In recent years most of Gainesville’s independent bookstores have closed, and Groff and Kallman had considered opening one for several years.

Two of the authors who read on opening day were early cheerleaders for the plan. University of Florida professors Cynthia Barnett and Jack E. Davis both talked about a meeting they and Groff attended with Gainesville Mayor Harvey Ward Jr.

“He wanted to know how we could make Gainesville a more literary city,” said Barnett, a professor of environmental journalism and the author of several books, including “The Sound of the Sea: Seashells and the Fate of the Oceans.”

“We said, we need a bookstore that can do big events.”

Davis, who is the Rothman Family Chair in the Humanities, specializes in environmental history and sustainability studies. He is the author or editor of 10 books and won the Pulitzer Prize for “The Gulf: The Making of an American Sea.”

Growing numbers of people are coming to Gainesville to visit its natural spaces, Davis says, like Paynes Prairie and Sweetwater Wetlands Park. “This can be part of that,” he says of the bookstore as a draw for tourists as well as locals.

The handsome decor of the shop reflects connection to the environment, Groff says, with dark green walls representing Gainesville’s lush tree canopy and gold accents, like the monkey chandelier in the kids’ books section, drawn from the colors of Paynes Prairie.

And The Lynx is easy to spot in its location in South Main Station thanks to a mural of its namesake animal that stretches the length of the building.

Its celebrity owner just adds to the attraction. Groff is part of a trend of bookstores owned by authors, and she says she’s had “tremendous” support from several of them, including Judy Blume, Ann Patchett and Emma Straub. She’s also happy about the support she’s had from other Florida independent bookstores, such as Tombolo Books in St. Petersburg, Midtown Reader in Tallahassee and Books & Books in Miami.

“Oh, my gosh,” she says, “everyone just wants to help.”

The Lynx has garnered support from across the country, Groff says. Crowdfunding through IndieGoGo raised $116,000. Donors “were sending me pictures from Seattle, Wisconsin, Texas, all over.”

On Sunday, supporters showed up in person — a friend of Groff’s who runs 68 book clubs in the Los Angeles area, as well as her agent, editor and publicist, who came from New York.

But many in the crowd were from Gainesville, where Groff has lived since 2006. When it came time for her reading, she stepped up on the stage on The Lynx’s inviting roofed patio and read a short story from her 2018 collection, “Florida,” recently called out by Florence Welch as the inspiration for her part in Taylor Swift’s “Florida!!!”

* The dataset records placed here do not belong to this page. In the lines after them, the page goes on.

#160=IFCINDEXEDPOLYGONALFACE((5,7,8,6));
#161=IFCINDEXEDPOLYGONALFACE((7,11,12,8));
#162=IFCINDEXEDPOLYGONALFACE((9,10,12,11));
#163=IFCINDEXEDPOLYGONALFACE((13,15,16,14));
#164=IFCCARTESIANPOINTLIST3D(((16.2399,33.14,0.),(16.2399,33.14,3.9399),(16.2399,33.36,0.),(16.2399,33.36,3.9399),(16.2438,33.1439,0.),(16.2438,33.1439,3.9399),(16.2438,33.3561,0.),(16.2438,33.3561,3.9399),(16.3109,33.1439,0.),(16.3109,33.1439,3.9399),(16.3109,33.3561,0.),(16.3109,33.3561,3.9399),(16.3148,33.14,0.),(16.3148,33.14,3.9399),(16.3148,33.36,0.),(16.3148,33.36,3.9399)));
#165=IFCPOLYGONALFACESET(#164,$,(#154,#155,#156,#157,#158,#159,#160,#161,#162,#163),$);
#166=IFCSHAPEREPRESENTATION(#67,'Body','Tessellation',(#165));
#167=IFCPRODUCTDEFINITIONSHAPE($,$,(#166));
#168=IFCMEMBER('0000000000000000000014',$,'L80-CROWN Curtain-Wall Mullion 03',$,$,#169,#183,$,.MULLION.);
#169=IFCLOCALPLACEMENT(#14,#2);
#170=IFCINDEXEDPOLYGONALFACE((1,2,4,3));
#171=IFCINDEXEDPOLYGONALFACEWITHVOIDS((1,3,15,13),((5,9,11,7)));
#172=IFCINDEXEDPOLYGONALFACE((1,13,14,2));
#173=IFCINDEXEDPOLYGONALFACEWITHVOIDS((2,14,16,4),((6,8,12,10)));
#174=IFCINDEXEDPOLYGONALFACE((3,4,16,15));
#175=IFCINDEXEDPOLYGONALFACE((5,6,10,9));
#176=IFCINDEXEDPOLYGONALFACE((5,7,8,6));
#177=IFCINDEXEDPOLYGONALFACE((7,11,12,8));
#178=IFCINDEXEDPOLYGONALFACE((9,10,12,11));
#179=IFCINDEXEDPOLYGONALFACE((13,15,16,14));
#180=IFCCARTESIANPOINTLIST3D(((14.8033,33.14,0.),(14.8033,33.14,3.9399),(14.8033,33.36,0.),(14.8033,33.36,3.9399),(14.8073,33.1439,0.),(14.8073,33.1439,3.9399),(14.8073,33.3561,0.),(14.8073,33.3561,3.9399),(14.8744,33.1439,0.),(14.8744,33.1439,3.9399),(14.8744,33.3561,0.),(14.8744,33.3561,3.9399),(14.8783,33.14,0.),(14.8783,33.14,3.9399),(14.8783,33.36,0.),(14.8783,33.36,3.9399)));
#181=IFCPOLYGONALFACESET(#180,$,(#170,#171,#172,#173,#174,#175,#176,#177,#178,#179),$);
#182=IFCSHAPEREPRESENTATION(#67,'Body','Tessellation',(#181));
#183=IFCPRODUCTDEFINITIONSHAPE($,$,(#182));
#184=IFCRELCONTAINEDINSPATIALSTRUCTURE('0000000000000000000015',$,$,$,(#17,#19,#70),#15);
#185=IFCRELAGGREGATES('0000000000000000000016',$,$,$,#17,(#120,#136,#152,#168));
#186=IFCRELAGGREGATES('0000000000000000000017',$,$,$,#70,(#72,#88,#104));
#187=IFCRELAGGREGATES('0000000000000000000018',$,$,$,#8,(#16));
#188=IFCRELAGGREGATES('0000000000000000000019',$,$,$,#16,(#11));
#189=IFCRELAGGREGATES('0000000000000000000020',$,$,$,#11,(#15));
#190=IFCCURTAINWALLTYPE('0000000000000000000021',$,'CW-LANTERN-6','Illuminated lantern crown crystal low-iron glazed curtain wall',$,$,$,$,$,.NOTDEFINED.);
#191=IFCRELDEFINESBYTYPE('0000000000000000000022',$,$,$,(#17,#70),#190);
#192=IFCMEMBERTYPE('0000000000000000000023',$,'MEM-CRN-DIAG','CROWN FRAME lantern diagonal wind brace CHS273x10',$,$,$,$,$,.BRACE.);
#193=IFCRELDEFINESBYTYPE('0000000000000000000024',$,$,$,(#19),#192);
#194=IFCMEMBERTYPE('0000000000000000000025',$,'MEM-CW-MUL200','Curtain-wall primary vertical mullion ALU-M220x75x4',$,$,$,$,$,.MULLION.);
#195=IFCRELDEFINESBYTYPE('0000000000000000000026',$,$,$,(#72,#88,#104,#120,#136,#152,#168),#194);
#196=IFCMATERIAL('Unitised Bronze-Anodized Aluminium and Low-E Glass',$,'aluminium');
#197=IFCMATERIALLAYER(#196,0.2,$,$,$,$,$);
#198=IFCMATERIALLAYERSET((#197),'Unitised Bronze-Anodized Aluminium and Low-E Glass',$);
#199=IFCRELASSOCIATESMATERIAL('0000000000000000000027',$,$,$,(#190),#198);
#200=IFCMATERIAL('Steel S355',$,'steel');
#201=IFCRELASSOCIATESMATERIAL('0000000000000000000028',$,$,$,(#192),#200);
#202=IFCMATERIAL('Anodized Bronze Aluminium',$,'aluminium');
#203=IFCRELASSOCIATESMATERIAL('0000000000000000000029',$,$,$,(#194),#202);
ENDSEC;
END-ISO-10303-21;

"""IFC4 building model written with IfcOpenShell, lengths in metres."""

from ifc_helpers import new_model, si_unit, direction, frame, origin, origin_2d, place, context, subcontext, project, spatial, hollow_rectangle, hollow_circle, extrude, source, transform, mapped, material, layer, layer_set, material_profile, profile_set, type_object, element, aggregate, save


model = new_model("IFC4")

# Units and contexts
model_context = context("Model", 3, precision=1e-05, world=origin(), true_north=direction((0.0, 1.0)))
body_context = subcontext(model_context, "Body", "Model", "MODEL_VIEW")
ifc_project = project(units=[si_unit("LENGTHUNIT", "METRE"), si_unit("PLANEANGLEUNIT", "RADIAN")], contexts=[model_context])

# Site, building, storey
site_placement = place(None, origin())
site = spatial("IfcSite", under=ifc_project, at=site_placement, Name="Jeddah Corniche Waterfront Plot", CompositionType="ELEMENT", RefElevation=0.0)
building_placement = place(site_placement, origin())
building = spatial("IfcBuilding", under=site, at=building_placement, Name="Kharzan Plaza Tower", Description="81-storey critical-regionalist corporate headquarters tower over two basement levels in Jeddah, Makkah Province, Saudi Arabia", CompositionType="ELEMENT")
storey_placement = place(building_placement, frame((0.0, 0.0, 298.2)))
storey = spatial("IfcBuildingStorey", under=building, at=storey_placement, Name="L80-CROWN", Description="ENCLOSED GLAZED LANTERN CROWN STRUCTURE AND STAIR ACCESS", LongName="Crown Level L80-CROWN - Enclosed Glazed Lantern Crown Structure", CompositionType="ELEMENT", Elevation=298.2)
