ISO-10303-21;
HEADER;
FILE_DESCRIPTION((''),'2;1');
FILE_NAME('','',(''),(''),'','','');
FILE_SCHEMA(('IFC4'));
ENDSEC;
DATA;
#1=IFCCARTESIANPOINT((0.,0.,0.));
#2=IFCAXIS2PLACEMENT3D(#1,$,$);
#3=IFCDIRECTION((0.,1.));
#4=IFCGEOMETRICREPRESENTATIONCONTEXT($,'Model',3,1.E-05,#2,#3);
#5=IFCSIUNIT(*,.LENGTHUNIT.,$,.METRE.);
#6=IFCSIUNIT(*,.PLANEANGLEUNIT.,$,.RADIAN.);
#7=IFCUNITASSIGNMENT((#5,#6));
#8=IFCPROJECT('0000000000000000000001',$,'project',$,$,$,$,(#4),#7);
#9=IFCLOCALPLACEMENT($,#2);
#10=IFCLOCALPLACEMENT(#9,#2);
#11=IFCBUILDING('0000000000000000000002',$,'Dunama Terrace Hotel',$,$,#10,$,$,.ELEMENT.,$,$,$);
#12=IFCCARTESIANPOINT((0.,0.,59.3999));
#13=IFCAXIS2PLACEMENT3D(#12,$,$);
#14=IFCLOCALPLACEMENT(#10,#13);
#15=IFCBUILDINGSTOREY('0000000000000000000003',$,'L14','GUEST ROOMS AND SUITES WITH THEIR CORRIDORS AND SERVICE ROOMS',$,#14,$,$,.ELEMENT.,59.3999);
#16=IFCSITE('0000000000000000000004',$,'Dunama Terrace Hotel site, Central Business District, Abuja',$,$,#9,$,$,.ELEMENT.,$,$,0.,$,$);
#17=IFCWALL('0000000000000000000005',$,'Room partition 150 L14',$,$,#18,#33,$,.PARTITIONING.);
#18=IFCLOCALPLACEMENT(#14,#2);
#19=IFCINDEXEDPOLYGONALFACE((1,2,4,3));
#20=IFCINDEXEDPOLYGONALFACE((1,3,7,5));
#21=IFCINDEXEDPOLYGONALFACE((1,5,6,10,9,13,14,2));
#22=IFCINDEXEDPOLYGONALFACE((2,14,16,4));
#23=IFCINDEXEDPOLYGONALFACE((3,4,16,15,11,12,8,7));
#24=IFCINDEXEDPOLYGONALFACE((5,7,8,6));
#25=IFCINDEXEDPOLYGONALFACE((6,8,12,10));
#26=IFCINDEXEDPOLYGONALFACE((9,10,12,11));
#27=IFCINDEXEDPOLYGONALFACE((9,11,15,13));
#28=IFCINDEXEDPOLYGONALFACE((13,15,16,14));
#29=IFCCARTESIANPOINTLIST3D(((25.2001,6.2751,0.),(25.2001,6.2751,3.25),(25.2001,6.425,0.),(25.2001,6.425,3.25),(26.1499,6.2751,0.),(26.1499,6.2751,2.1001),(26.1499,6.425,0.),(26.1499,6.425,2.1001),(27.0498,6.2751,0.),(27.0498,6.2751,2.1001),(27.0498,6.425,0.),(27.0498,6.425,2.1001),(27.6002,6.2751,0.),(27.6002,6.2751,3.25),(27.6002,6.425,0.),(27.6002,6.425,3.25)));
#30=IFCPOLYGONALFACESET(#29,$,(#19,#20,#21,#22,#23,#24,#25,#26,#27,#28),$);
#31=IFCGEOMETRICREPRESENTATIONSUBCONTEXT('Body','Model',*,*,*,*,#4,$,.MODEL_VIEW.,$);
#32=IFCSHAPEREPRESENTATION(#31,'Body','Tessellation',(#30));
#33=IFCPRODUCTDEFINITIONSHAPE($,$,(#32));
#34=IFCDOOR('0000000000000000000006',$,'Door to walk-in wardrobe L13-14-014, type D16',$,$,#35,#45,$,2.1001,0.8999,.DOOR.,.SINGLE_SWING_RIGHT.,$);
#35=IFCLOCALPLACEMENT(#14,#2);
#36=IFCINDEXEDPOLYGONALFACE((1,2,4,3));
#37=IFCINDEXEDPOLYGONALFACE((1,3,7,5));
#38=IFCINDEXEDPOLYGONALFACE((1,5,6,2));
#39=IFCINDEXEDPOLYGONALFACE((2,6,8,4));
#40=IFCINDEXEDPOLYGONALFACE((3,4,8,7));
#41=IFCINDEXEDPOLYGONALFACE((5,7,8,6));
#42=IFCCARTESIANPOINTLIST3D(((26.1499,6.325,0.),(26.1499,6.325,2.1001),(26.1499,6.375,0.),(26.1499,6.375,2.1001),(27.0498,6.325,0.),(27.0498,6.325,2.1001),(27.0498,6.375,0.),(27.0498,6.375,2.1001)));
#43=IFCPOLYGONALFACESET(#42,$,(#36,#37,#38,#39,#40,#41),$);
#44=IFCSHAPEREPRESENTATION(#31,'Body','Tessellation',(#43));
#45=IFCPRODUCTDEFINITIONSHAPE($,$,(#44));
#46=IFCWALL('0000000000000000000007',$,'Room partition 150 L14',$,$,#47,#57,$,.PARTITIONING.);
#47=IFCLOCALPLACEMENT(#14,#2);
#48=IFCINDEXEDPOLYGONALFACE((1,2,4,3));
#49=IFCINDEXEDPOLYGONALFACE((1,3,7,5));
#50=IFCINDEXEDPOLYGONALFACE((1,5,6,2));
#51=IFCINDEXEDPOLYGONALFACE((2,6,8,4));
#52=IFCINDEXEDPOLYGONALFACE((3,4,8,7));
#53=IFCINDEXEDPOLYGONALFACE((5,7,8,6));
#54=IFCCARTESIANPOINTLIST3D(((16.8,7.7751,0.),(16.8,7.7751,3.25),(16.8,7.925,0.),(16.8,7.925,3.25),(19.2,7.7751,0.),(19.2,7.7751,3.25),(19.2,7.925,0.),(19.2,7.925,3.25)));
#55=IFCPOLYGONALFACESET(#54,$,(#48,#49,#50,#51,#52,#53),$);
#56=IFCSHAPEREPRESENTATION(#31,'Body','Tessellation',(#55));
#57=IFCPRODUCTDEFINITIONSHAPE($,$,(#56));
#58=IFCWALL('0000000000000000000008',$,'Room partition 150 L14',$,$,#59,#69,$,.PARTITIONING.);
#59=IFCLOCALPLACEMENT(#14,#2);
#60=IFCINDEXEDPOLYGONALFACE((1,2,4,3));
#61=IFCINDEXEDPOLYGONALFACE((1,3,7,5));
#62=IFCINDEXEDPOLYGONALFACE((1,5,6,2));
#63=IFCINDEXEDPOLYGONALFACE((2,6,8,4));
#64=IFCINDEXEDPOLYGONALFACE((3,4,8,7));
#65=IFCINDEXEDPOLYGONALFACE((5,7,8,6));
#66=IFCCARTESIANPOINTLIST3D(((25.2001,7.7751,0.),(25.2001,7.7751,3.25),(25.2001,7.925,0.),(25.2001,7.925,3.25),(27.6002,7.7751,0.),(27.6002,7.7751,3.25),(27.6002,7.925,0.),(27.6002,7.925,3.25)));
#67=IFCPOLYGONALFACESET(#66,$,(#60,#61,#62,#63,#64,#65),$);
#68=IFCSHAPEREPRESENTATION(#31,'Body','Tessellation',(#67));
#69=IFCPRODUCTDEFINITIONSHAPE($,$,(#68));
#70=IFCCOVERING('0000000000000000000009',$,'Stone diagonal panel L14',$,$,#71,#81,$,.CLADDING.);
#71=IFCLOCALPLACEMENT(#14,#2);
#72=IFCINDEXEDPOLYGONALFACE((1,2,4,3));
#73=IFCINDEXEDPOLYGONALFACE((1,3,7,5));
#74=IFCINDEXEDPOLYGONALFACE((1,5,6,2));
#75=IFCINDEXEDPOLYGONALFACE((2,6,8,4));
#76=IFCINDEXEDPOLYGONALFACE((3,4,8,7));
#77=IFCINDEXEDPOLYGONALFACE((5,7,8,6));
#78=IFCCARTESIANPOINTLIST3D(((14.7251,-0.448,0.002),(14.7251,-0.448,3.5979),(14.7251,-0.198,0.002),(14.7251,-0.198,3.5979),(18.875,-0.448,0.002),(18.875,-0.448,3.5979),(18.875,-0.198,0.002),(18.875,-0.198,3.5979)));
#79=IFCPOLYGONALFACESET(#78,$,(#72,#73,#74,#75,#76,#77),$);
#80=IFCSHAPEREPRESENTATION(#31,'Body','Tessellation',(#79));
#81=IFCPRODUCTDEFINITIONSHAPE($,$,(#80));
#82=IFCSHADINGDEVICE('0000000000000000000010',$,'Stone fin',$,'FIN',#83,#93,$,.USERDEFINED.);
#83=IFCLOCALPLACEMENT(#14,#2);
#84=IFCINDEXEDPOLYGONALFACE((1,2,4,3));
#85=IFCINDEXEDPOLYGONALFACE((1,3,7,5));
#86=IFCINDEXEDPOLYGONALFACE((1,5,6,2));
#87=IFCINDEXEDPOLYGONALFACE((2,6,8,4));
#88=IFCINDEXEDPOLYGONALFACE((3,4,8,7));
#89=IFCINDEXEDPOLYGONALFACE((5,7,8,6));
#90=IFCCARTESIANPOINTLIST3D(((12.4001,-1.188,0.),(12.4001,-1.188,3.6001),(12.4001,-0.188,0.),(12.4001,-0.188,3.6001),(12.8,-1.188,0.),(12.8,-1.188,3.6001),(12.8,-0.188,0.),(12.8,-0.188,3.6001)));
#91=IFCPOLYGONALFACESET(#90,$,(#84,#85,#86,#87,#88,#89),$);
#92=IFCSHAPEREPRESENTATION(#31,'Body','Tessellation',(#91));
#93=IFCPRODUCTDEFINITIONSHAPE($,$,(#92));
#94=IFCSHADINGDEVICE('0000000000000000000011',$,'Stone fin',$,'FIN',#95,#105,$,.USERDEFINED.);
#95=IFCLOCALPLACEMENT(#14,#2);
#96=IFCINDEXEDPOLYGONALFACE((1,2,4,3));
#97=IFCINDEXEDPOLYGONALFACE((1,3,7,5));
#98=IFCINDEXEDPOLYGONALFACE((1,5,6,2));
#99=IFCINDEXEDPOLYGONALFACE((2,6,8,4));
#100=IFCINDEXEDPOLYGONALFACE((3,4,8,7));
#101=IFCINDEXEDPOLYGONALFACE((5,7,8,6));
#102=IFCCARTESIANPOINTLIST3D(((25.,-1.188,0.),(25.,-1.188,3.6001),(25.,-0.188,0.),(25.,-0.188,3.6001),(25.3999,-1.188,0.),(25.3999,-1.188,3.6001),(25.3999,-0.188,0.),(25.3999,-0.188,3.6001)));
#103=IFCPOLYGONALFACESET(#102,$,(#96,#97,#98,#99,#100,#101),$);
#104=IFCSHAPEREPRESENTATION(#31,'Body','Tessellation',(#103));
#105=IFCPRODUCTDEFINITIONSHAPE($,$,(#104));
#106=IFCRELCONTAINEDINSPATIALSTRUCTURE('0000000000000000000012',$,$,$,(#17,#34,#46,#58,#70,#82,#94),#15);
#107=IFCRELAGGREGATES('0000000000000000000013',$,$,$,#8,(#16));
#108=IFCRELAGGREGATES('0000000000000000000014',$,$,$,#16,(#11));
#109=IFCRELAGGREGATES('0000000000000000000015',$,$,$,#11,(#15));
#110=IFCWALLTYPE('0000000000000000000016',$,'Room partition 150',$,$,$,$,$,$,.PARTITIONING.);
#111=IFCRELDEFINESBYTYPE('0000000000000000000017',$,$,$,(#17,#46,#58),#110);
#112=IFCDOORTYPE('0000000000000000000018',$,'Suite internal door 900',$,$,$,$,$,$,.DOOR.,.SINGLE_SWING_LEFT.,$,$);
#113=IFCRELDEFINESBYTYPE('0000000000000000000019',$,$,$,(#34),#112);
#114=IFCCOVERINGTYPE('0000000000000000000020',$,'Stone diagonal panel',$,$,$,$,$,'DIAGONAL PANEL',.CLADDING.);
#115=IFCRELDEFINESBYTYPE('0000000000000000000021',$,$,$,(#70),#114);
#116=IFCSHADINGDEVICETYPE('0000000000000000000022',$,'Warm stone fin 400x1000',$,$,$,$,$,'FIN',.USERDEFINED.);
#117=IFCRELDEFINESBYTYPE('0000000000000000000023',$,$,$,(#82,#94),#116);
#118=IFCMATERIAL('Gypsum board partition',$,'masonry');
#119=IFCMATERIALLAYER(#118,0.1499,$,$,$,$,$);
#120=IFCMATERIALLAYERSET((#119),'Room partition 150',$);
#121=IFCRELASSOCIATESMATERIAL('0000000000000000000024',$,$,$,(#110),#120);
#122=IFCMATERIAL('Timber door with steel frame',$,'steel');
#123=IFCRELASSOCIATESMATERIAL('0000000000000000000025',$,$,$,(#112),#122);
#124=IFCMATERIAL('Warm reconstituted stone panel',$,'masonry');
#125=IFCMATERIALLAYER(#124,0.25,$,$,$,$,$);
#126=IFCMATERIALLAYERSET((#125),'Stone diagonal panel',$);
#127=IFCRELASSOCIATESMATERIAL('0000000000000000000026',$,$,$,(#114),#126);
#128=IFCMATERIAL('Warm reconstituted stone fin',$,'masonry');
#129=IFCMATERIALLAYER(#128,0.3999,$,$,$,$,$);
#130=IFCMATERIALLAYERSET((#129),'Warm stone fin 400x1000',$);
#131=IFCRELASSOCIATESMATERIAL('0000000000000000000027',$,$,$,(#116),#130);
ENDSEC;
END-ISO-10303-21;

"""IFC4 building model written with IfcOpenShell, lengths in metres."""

from ifc_helpers import new_model, si_unit, direction, frame, frame_2d, origin, origin_2d, place, context, subcontext, project, spatial, rectangle, extrude, material, layer, layer_set, type_object, element, fill, save


model = new_model("IFC4")

# Units and contexts
model_context = context("Model", 3, precision=1e-05, world=origin(), true_north=direction((0.0, 1.0)))
body_context = subcontext(model_context, "Body", "Model", "MODEL_VIEW")
ifc_project = project(units=[si_unit("LENGTHUNIT", "METRE"), si_unit("PLANEANGLEUNIT", "RADIAN")], contexts=[model_context])

# Site, building, storey
site_placement = place(None, origin())
site = spatial("IfcSite", under=ifc_project, at=site_placement, Name="Dunama Terrace Hotel site, Central Business District, Abuja", CompositionType="ELEMENT", RefElevation=0.0)
building_placement = place(site_placement, origin())
building = spatial("IfcBuilding", under=site, at=building_placement, Name="Dunama Terrace Hotel", CompositionType="ELEMENT")
storey_placement = place(building_placement, frame((0.0, 0.0, 59.3999)))
storey = spatial("IfcBuildingStorey", under=building, at=storey_placement, Name="L14", Description="GUEST ROOMS AND SUITES WITH THEIR CORRIDORS AND SERVICE ROOMS", CompositionType="ELEMENT", Elevation=59.3999)

# Shared definitions
ifc_material_1 = material(Name="Gypsum board partition", Category="masonry")
ifc_layer_1 = layer(ifc_material_1, 0.1499)
ifc_layer_set_1 = layer_set([ifc_layer_1], Name="Room partition 150")
wall_type_1 = type_object("IfcWallType", Name="Room partition 150", PredefinedType="PARTITIONING", material=ifc_layer_set_1)

# Wall, opening, door
ifc_material_2 = material(Name="Timber door with steel frame", Category="steel")
door_type_1 = type_object("IfcDoorType", Name="Suite internal door 900", OperationType="SINGLE_SWING_LEFT", PredefinedType="DOOR", material=ifc_material_2)
wall_1_placement = place(storey_placement, frame((25.2, 6.3501, 0.0), z_axis=(0.0, 0.0, 1.0), x_axis=(1.0, 0.0, 0.0)))
wall_1 = element("IfcWall", 1, at=wall_1_placement, inside=storey, type_object=wall_type_1, Name="Room partition 150 L14", PredefinedType="PARTITIONING", context=body_context, shape_type="SweptSolid", body=[
    extrude(rectangle(XDim=2.4001, YDim=0.1499, at=frame_2d((1.2002, 0.0))), origin(), (0.0, 0.0, 1.0), 3.25),
])
opening_1_placement = place(wall_1_placement, frame((0.95, 0.0, 0.0)))
opening_1 = element("IfcOpeningElement", 2, at=opening_1_placement, cuts=wall_1, PredefinedType="OPENING", context=body_context, shape_type="SweptSolid", body=[
    extrude(rectangle(XDim=0.8999, YDim=2.1001, at=frame_2d((0.45, 1.05))), frame((0.0, 0.085, 0.0), z_axis=(0.0, -1.0, 0.0), x_axis=(1.0, 0.0, 0.0)), (0.0, 0.0, 1.0), 0.1699),
])
door_1_placement = place(opening_1_placement, origin())
door_1 = element("IfcDoor", 3, at=door_1_placement, inside=storey, type_object=door_type_1, Name="Door to walk-in wardrobe L13-14-014, type D16", OperationType="SINGLE_SWING_RIGHT", OverallHeight=2.1001, OverallWidth=0.8999, PredefinedType="DOOR", context=body_context, shape_type="SweptSolid", body=[
    extrude(rectangle(XDim=0.8999, YDim=2.1001, at=frame_2d((0.45, 1.05))), frame((0.0, 0.0249, 0.0), z_axis=(0.0, -1.0, 0.0), x_axis=(1.0, 0.0, 0.0)), (0.0, 0.0, 1.0), 0.05),
])
fill(opening_1, door_1)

“Ghosts and Empties” is a stunning story about a woman dealing with anger issues by walking around her neighborhood at night, peering through uncurtained windows. Its setting is clearly identifiable as her Gainesville neighborhood, called Duckpond.

Wasn’t she worried some of those neighbors might take offense? “Well, if they’ve never read me, they were in for a surprise,” she says with a laugh. “It’s not a not-edgy story.”

When the book was published, she says, “Maybe some of them yelled at me. But we’re about freedom of expression here.”

No one yelled on Sunday; the crowd laughed knowingly at moments and gave her an enthusiastic round of applause.

That’s another thing she’s aiming for: community. The store is designed not just to sell books but to hold events where people can come together. Its feline name is a pun: The Links.

Groff wants to link everyone; the store’s bookshelves proudly display banned books and books by and about LGBTQ+ people and people of color as well as books by Florida writers, popular bestsellers and classics.

Actions by Florida’s Gov. Ron DeSantis and its Legislature were what pushed her long-simmering bookstore plan to the boil, she says.

A recent report by PEN America found an “unprecedented surge” of book bans in 2023-24, especially in Florida. The state had the highest number of bans, at 3,135 books across 11 school districts.

“I think a very, very tiny minority of Floridians are for the book bans,” Groff says, “but the vast majority are being affected.”